Stay Tuned!, which came out in late February, takes us “out of that torpor” and moves us forward into the history Dominique decided to portray. “It’s red, it’s jazz, it’s blood, it’s woman,” she says. “Jazz was born of a desire to break free of the rules of classical, and create new boundaries. Music can change minds. It’s the softest and most empathetic way of doing so.”

The next instalment of the project, due in Spring 2020, will take us toward the sun. “The trilogy will end with the revolution,” says Fils-Aimé. “It’s the part of the history where even though the situations have left marks, we allowed ourselves to be light-hearted. That’s when funk, reggae, and disco came to be.” In a context where artists often feel bogged down by a system that doesn’t move quickly enough to accommodate their creativity, she’s conscious of how lucky she is to have the freedom to create this triple-punch over a three-year period.

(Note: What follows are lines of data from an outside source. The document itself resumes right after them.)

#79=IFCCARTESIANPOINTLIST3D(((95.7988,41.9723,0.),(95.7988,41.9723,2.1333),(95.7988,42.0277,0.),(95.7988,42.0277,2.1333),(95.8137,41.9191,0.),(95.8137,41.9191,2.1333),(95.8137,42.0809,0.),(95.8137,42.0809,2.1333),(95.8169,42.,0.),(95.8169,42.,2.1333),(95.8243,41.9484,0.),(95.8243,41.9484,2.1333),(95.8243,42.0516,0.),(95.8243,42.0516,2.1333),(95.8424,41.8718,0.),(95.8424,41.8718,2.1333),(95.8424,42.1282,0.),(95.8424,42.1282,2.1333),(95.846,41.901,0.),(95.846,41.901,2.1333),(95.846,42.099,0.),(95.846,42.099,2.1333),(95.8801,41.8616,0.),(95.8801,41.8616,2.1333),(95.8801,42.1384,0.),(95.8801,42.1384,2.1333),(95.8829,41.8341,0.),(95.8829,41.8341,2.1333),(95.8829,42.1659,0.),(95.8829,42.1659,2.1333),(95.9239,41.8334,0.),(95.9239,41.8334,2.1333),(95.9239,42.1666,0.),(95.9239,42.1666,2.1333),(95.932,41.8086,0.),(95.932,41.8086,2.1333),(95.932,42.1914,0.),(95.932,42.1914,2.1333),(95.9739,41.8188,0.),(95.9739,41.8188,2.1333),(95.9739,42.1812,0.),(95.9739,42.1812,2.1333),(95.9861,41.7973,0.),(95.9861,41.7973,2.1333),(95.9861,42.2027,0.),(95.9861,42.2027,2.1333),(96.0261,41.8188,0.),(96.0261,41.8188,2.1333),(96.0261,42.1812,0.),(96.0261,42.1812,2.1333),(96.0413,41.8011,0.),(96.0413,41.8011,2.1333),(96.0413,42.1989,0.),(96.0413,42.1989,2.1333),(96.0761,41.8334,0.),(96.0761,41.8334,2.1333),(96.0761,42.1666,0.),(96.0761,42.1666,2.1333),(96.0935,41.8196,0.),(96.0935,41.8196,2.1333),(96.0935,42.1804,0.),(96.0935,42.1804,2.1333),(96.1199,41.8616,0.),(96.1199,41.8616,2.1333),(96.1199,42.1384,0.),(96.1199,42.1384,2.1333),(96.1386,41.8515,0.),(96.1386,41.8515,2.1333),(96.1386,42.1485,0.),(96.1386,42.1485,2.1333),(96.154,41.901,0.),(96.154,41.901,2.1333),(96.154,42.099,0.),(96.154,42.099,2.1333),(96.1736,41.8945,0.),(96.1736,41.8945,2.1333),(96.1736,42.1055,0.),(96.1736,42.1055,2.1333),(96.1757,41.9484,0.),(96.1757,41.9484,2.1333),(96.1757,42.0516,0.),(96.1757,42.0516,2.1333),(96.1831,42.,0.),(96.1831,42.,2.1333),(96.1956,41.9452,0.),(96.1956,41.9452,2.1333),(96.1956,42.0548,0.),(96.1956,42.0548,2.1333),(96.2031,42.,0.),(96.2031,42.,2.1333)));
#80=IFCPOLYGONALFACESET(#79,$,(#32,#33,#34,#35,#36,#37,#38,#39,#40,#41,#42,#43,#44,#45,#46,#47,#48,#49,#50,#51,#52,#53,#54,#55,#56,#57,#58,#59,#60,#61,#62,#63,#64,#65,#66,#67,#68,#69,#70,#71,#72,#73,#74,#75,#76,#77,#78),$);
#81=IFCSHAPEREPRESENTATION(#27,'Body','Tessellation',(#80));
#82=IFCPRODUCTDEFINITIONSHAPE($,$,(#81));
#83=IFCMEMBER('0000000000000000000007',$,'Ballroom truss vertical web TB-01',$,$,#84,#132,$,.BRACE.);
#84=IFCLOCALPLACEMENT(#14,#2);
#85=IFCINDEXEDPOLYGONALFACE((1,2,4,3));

Music has proven an unavoidable outlet of African-American culture. For Fils-Aimé, music is therapeutic. “This is true whether you listen to music or play it,” she says. “When you spend night after night, especially as a teen, listening to albums you’re obsessed with, that’s one thing. But it’s important to understand that the concept of mental illness and therapy doesn’t exist in many languages. Mental illness doesn’t exist in Creole. You aren’t depressed, you’re tired.” That’s how, according to her, music becomes unifying; because it fundamentally says that you’re not alone. “There’s part of that in me,” she says. “It comes from the music, this desire to find your therapy, to create it. You finally feel as if you are contributing to the process.”

“People think you need to be a singer with a guitar to have any kind of success. The more artists leave the country to play that music, the less people here have access to it.”

“Let’s destroy the concept of world music,” hisses Fils-Aimé when we touch on that totally unjustified category, that’s crept into our everyday vocabulary. “I don’t even know where it came, from or why it exists. To me, it exemplifies a desire to integrate people by creating a niche, an isolated space where we can point our fingers at them and say the’re different. Underscoring the cultural background of people is putting them in a box. And that box is a huge one containing the world,” she says.

The soulful Fils-Aimé doesn’t need any excuse to get onstage, but she does believe her genre of music tends to want to export itself and leave. “This music doesn’t know if it has a place here,” she says. “There’s a system in place where people think you need to be a singer with a guitar to have any kind of success. The more artists leave the country to play that music, the less people here have access to it, and the cycle begins again.”

Raised Fist

Revolt, revolution, and changing minds are ever-present in Dominique Fils-Aimé’s mind and voice. “I dream of true change, she says. “That we literally retire the concept of violence. I want us to re-think the women’s jails system, I want us to find all the First Nations women who’ve disappeared, that we integrate First Nations in our daily lives, as well as black women in feminist movements.” All of those desires aim to ensure the safety and well-being of the ones who come after us. “It’s important for the next generation to know that we care,” she says. “It’s our duty to bring back revolutionary discourse to the present time.”

Musically, Stay Tuned! is emblematic of the artist’s value, diversity being nothing short of a duty: “I invited Elli Miller Maboungou on percussion, and Hichem Khalfa on trumpet,” she says. “But above all, after spending all of my time complaining on Nameless, I wanted to take control again,” she remembers, laughing. “I integrate women more. Salin Cheewapansri, on drums, is the heartbeat that I wanted. I wanted my album to beat to the rhythm of a woman’s heart.”

Fils-Aimé believes the solution is within u,s and that our will to integrate as much variety as possible in our music will necessarily translate into more diversity in our society. “Music is a metaphor for life,” she believes. “By focusing on what unites us, our passion for music, we’ll discover that we see things the same way. We all have a change to contribute.”